There are also some signs of progress on the question of cannabis in Sri Lanka, even amid the big busts and media hype. The 1984 ordinance does make an exception for the cultivation of cannabis and production of extracts or tinctures — under tight government control. At present, there is little of that going on.

However, in 2013, the country’s minister of indigenous medicine submitted a bill to allow cultivation for medicinal purposes. Plus, the Ayurveda Act, the country’s principal law on medicine, does allow prescription of cannabis, which has a centuries-old tradition of medicinal use on the island.

Finally, a proposal for commercial cultivation for export to the international medical market was unveiled last September. The idea, reported by the AFP wire service, was announced by parliamentarian Rajitha Senaratne. He’s calling for a 40-hectare (100-acre) plantation to produce some 25 metric tons of cannabis a year — under military supervision. In pitching the idea, Senaratne noted Sri Lanka’s long history of medicinal use.

“Good cannabis is a vital ingredient in the preparation of traditional medicine,” he told reporters.

He noted that medical users in Sri Lanka now rely on handouts of seized contraband cannabis from judicial authorities. “By the time our native doctors get this cannabis, it is about four to five years old and it has lost its effectiveness,” Senaratne said. His proposed farm would assure quality for the domestic market as well as generate foreign exchange.

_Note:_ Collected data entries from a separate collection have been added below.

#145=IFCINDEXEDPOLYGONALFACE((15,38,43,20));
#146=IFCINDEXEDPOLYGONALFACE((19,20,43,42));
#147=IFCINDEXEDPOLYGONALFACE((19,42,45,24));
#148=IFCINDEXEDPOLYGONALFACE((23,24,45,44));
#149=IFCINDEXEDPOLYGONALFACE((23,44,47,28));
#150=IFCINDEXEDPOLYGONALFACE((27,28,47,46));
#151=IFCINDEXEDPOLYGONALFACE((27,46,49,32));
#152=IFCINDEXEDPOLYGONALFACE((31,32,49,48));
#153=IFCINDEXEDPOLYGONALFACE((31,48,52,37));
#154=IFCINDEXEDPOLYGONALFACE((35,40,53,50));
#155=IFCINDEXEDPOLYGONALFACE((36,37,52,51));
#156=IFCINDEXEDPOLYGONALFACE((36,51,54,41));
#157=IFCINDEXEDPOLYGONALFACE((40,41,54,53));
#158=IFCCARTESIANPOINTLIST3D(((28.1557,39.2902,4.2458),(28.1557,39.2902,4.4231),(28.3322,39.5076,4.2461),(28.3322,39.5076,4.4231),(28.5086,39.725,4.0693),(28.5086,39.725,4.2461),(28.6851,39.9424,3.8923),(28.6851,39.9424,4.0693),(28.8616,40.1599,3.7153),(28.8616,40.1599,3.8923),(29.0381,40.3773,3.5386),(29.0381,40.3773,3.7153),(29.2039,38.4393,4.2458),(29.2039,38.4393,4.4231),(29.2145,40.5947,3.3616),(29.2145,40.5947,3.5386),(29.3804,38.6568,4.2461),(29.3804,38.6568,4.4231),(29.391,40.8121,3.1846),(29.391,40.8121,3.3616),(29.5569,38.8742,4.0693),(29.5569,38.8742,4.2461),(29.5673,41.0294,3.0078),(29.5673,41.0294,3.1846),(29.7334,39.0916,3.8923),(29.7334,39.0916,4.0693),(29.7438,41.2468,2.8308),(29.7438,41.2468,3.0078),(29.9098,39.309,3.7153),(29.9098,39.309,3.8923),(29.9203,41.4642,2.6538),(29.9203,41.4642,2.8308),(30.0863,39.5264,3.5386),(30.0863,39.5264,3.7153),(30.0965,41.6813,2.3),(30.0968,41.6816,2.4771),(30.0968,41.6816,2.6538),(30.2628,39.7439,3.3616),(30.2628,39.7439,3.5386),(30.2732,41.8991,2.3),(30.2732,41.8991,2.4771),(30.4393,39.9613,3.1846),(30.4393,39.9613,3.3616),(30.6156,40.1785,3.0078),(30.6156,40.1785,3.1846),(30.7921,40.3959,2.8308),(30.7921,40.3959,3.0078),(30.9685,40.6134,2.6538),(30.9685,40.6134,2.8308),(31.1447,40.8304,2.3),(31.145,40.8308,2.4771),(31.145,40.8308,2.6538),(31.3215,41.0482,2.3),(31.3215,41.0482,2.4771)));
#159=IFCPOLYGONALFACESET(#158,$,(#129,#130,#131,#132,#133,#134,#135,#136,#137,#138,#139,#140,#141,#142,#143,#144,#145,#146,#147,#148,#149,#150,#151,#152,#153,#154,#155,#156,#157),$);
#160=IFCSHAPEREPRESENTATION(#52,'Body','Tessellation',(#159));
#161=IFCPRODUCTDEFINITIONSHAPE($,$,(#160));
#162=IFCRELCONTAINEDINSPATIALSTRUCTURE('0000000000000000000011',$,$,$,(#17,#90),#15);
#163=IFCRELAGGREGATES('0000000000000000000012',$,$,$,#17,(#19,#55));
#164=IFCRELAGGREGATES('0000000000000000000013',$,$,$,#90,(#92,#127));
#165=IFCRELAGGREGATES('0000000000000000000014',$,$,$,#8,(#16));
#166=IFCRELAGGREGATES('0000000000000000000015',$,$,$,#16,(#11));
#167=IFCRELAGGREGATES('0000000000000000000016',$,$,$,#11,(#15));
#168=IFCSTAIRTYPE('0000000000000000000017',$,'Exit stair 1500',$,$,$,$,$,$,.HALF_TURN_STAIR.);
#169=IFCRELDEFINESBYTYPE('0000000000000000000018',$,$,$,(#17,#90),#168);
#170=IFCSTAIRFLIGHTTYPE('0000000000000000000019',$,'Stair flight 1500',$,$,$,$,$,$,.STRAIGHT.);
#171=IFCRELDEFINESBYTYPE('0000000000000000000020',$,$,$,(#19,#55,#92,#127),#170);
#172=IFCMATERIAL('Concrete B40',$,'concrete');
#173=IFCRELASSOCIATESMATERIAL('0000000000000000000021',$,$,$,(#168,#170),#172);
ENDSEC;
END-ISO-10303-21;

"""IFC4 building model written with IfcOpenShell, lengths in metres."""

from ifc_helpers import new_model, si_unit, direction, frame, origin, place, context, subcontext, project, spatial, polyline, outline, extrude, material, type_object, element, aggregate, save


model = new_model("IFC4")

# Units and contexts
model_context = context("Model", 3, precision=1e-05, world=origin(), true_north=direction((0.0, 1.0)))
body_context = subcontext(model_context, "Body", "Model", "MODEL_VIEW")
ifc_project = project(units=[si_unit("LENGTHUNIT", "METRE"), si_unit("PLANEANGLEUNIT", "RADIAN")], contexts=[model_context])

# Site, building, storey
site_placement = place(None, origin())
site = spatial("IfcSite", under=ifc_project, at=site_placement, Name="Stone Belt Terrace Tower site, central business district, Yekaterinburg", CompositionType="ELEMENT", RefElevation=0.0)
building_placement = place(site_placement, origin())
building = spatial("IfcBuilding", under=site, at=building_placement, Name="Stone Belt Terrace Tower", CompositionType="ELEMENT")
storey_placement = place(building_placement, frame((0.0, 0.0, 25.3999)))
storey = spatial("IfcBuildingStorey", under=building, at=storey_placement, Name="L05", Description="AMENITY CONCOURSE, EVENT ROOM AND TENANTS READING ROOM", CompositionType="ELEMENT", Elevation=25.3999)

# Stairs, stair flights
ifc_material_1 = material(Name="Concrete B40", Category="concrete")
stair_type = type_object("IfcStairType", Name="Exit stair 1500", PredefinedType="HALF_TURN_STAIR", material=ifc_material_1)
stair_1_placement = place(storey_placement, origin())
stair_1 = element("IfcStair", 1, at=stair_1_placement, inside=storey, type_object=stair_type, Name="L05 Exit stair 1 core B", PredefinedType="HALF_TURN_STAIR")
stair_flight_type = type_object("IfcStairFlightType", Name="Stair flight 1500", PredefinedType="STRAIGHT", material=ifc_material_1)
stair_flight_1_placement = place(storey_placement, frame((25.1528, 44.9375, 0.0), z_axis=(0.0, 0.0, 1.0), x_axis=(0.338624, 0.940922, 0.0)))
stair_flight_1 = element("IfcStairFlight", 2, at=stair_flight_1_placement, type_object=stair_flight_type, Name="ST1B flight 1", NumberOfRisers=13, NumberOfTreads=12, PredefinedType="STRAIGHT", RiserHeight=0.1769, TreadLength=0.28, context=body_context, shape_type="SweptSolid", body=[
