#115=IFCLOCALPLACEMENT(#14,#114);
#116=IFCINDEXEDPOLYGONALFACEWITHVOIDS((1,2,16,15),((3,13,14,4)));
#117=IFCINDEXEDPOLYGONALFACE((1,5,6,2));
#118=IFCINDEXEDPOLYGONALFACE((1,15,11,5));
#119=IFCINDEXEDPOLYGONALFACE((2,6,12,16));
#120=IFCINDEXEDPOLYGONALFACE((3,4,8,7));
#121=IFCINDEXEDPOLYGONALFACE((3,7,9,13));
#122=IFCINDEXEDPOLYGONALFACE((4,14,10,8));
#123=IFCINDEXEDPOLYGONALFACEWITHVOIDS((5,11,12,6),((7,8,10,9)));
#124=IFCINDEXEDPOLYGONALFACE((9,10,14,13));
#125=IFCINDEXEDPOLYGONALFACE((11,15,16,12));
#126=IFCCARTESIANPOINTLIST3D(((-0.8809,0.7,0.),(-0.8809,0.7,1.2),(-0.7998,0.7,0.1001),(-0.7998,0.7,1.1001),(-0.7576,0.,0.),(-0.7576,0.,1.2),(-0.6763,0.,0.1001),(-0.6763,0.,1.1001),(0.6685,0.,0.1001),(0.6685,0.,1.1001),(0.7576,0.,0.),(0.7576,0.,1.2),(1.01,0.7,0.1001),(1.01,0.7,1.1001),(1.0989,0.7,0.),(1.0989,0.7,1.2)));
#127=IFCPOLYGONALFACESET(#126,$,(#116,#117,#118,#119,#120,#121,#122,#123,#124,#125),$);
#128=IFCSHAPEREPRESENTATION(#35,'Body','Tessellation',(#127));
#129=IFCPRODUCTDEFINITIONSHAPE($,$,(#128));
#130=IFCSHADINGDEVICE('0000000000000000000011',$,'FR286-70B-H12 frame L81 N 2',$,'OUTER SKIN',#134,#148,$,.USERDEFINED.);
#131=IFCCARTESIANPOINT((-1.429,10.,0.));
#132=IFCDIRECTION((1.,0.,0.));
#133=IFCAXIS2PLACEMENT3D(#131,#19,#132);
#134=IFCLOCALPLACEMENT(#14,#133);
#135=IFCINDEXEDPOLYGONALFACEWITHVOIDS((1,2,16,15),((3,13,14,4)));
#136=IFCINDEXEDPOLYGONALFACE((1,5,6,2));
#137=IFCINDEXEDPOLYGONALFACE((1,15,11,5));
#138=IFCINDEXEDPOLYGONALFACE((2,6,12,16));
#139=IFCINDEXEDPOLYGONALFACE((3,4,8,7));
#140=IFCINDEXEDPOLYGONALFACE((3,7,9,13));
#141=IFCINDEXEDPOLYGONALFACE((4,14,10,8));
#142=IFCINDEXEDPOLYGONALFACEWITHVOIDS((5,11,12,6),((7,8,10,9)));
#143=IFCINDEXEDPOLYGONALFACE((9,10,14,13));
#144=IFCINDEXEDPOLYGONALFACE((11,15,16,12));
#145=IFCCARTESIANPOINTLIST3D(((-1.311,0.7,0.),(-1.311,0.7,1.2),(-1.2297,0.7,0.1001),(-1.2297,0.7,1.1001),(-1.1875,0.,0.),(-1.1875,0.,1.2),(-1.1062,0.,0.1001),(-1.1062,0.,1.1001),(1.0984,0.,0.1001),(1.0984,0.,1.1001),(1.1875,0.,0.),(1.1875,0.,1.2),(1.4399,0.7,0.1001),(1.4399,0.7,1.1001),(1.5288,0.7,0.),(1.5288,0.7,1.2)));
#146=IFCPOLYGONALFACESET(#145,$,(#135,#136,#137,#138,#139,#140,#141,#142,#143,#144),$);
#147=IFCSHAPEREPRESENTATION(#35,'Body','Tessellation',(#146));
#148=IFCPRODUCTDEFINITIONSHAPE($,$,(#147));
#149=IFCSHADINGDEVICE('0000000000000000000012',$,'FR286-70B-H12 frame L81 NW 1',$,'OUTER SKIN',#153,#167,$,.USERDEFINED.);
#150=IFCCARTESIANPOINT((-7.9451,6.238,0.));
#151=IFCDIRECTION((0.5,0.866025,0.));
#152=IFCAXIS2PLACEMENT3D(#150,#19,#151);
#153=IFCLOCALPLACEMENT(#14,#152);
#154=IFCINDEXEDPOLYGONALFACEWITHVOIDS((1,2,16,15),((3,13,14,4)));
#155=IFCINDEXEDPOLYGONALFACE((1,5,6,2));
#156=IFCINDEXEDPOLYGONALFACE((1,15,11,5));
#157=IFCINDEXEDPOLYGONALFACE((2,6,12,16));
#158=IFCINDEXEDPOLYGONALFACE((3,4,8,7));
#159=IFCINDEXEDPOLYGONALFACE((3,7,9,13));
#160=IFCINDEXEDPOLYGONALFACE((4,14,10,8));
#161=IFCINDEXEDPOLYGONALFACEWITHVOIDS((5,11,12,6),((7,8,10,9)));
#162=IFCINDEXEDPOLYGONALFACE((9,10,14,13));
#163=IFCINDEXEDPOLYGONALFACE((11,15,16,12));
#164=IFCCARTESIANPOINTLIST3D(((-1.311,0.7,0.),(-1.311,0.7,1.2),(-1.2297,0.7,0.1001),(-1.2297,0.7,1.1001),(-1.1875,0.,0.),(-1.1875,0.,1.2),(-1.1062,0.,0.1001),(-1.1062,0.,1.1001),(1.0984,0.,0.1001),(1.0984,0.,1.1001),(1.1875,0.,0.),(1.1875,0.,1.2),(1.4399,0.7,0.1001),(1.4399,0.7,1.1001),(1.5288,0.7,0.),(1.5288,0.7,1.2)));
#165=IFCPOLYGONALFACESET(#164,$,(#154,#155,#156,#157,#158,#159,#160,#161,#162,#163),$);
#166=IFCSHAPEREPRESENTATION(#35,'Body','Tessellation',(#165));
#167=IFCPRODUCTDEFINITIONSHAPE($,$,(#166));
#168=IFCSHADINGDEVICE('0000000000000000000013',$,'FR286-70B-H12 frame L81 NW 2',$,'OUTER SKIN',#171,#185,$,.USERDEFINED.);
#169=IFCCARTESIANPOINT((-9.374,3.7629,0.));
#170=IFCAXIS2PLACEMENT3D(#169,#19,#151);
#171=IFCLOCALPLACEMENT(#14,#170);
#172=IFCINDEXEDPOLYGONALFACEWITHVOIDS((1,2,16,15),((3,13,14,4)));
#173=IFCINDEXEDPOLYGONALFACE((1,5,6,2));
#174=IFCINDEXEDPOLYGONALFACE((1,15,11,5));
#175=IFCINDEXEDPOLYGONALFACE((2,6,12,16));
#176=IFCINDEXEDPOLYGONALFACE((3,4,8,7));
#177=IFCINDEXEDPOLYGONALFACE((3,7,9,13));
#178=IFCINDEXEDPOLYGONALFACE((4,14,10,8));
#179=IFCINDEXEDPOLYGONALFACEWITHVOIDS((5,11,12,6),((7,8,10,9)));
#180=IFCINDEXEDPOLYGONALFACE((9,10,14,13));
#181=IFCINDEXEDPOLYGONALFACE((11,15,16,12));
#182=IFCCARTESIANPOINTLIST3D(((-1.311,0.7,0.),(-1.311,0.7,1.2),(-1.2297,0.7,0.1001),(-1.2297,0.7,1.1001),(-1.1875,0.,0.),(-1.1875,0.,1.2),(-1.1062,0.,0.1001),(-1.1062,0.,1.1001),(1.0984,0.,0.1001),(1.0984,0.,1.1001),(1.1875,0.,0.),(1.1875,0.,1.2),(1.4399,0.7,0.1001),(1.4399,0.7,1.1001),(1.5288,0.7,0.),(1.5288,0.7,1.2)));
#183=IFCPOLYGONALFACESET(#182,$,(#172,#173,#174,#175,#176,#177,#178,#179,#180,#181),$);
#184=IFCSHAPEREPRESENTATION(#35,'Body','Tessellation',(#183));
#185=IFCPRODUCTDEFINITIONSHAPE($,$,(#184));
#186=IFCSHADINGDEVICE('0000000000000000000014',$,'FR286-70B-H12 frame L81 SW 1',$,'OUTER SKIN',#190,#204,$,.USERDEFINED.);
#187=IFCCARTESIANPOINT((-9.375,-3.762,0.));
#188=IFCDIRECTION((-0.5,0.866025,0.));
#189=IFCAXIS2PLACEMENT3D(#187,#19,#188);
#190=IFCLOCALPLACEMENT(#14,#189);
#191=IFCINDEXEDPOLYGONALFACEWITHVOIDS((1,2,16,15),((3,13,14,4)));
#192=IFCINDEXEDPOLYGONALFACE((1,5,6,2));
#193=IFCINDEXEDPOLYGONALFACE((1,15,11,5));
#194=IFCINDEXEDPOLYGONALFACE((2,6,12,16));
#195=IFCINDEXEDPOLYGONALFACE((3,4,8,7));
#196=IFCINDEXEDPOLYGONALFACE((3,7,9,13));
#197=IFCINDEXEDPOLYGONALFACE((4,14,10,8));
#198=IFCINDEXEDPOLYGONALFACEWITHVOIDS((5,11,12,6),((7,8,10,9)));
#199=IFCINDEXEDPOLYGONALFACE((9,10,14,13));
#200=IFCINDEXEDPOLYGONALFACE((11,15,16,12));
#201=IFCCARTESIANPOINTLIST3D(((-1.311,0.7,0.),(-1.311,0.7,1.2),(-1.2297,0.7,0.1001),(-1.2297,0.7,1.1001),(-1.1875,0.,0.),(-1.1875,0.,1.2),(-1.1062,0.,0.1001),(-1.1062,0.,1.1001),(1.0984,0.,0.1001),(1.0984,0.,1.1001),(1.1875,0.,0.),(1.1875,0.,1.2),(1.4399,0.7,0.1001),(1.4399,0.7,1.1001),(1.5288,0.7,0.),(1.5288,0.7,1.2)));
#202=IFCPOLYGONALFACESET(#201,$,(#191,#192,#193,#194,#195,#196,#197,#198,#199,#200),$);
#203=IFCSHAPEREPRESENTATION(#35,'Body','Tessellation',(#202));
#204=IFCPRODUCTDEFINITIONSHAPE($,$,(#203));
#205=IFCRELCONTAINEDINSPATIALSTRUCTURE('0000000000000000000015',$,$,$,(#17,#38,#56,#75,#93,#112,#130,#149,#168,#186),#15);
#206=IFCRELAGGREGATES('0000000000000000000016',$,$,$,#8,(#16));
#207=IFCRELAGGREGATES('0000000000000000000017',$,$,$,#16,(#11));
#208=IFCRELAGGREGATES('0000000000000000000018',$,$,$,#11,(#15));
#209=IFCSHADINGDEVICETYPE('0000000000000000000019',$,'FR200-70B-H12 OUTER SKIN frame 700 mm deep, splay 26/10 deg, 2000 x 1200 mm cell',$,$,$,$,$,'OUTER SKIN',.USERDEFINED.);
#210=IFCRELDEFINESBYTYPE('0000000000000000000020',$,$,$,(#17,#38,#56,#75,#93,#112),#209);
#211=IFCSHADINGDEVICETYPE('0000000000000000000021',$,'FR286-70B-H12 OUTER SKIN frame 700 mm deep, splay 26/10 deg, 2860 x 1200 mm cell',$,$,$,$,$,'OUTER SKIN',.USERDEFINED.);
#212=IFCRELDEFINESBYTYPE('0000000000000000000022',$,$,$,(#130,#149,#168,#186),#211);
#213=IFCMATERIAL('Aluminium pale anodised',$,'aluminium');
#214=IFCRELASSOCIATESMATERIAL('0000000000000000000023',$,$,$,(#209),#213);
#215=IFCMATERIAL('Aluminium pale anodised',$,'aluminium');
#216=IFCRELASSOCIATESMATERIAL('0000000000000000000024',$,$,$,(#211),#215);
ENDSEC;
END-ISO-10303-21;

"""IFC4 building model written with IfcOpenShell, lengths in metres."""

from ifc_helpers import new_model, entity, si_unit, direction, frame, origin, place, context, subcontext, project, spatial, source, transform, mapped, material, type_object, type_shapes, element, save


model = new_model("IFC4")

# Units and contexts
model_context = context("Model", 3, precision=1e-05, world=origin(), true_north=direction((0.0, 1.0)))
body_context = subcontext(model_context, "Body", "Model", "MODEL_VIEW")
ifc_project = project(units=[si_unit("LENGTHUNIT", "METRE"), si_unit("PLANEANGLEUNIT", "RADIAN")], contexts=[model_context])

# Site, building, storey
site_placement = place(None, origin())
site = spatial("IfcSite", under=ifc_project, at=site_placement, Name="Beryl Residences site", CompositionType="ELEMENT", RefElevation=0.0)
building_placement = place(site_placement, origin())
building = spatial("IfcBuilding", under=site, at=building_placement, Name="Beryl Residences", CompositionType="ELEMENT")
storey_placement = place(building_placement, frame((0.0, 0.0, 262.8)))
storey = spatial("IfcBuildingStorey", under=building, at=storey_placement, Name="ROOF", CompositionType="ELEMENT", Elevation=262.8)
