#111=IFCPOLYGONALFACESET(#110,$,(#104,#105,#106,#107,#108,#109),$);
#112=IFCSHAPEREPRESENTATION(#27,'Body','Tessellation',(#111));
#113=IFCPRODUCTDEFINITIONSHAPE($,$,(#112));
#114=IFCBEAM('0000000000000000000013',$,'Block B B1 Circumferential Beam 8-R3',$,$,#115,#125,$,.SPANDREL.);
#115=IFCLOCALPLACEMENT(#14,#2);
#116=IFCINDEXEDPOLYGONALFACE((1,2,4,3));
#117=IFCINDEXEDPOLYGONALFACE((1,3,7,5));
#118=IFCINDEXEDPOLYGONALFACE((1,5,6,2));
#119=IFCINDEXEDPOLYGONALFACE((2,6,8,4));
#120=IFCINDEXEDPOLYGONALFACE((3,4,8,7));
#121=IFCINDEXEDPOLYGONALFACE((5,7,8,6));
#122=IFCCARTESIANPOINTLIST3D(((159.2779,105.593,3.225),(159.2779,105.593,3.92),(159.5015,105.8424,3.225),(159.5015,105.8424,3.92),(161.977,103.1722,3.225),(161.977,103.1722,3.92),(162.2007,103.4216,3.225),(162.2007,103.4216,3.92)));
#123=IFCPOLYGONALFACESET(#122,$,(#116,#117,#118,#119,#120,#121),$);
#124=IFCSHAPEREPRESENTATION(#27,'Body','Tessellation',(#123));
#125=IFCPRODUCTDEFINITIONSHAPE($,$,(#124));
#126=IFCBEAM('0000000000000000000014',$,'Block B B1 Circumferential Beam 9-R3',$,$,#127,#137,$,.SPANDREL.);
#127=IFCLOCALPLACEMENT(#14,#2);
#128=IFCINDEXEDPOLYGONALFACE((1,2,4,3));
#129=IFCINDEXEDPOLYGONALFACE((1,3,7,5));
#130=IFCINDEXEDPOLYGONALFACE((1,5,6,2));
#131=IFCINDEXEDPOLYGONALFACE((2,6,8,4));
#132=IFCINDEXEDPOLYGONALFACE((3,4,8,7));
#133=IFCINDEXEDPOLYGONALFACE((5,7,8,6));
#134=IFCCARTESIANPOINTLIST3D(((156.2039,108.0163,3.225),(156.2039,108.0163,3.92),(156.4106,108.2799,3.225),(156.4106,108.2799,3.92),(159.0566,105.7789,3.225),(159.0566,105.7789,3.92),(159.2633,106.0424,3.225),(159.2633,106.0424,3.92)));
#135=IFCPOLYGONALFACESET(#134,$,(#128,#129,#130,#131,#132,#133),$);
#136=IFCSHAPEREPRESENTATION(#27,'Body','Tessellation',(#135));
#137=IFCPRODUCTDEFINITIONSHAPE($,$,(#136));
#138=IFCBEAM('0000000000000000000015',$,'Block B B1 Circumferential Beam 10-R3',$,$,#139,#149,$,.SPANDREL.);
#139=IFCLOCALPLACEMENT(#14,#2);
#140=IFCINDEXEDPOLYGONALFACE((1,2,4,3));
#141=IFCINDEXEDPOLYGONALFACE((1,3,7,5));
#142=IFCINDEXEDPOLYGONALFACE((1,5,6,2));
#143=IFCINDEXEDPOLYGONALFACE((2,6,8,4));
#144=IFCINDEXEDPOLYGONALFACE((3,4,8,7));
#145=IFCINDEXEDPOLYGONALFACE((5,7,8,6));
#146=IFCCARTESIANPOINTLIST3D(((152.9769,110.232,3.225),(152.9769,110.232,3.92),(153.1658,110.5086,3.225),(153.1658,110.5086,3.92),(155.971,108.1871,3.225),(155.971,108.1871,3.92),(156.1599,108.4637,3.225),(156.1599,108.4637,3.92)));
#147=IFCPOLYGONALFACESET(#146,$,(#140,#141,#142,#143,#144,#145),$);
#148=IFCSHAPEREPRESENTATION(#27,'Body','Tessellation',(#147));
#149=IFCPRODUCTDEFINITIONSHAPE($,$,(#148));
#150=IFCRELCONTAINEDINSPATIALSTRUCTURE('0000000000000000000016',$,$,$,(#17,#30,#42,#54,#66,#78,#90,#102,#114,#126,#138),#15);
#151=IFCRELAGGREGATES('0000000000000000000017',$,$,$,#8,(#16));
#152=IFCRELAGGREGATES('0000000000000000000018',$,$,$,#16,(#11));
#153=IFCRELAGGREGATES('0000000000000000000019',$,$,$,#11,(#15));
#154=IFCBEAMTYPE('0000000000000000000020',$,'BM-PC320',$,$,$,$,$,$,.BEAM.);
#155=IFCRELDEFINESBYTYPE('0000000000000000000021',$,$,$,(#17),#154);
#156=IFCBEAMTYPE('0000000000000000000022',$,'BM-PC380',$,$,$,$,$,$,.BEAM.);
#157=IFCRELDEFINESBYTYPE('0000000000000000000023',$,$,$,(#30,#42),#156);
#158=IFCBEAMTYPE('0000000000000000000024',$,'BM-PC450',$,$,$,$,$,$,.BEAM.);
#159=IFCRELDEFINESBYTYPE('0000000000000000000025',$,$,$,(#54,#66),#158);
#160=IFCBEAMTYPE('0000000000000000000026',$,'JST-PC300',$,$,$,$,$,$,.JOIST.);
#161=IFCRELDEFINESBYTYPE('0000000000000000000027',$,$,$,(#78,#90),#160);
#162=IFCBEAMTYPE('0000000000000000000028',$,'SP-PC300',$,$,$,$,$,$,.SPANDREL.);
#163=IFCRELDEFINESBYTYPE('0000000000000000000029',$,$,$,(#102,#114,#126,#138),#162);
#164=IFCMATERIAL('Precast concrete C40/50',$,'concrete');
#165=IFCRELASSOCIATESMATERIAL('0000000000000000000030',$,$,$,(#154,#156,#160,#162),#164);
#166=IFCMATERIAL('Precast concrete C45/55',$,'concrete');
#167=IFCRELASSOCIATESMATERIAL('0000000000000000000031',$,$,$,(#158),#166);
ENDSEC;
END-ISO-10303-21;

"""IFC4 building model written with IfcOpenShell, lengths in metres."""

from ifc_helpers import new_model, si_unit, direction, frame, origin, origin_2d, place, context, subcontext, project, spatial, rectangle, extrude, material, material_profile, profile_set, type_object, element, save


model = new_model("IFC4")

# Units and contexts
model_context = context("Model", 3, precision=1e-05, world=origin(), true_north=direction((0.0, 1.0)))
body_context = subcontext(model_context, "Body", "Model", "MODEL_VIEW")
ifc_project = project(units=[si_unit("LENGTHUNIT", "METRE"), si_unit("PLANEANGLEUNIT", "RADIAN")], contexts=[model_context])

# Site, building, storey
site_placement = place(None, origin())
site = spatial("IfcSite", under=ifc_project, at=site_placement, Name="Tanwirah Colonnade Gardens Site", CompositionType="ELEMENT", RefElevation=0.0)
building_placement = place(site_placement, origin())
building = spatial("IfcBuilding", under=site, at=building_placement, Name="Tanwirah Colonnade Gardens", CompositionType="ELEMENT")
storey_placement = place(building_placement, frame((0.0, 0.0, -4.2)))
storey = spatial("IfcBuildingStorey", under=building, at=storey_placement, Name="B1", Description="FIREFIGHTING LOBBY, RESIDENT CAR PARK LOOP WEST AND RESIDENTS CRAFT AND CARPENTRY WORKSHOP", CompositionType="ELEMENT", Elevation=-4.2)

In short, Sri Lanka’s political establishment seems divided on the cannabis question — going simultaneously in contradictory directions.

Duterte’s Draconian Model

With President Sirisena openly emulating the Philippines’ ultra-hardline Rodrigo Duterte, it is clear that the stakes are high. In March 2017, when Philippine opposition lawmakers launched impeachment proceedings against Duterte, they charged that his murderous police and paramilitary forces had killed 8,000 drug suspects since he took office in June 2016. The figure is likely now much higher, as the “shoot-to-kill” policy has continued — while the strongman’s parliamentary bloc has held up the impeachment proceedings.

Unfortunately, Sri Lanka’s security forces already have plenty of experience in brutality. From the mid-1980s, the state fought a long and increasingly bloody war with ethnic Tamil guerrillas in the country’s north, until they were finally crushed in 2009. The Sri Lankan government is now rejecting calls for an international war crimes investigation into the conflict.

Nor is Sri Lanka alone in seeking to follow the Philippines’ bloody example. Last year, Indonesia imposed a “state of emergency” in response to a supposed crisis of illegal drug use, and announced a “shoot-to-kill” policy modeled on Duterte’s. This is already bearing grim fruit. Human Rights Watch this week issued a new report accusing Indonesian police of a “killing spree,” with many drug suspects shot while already in detention.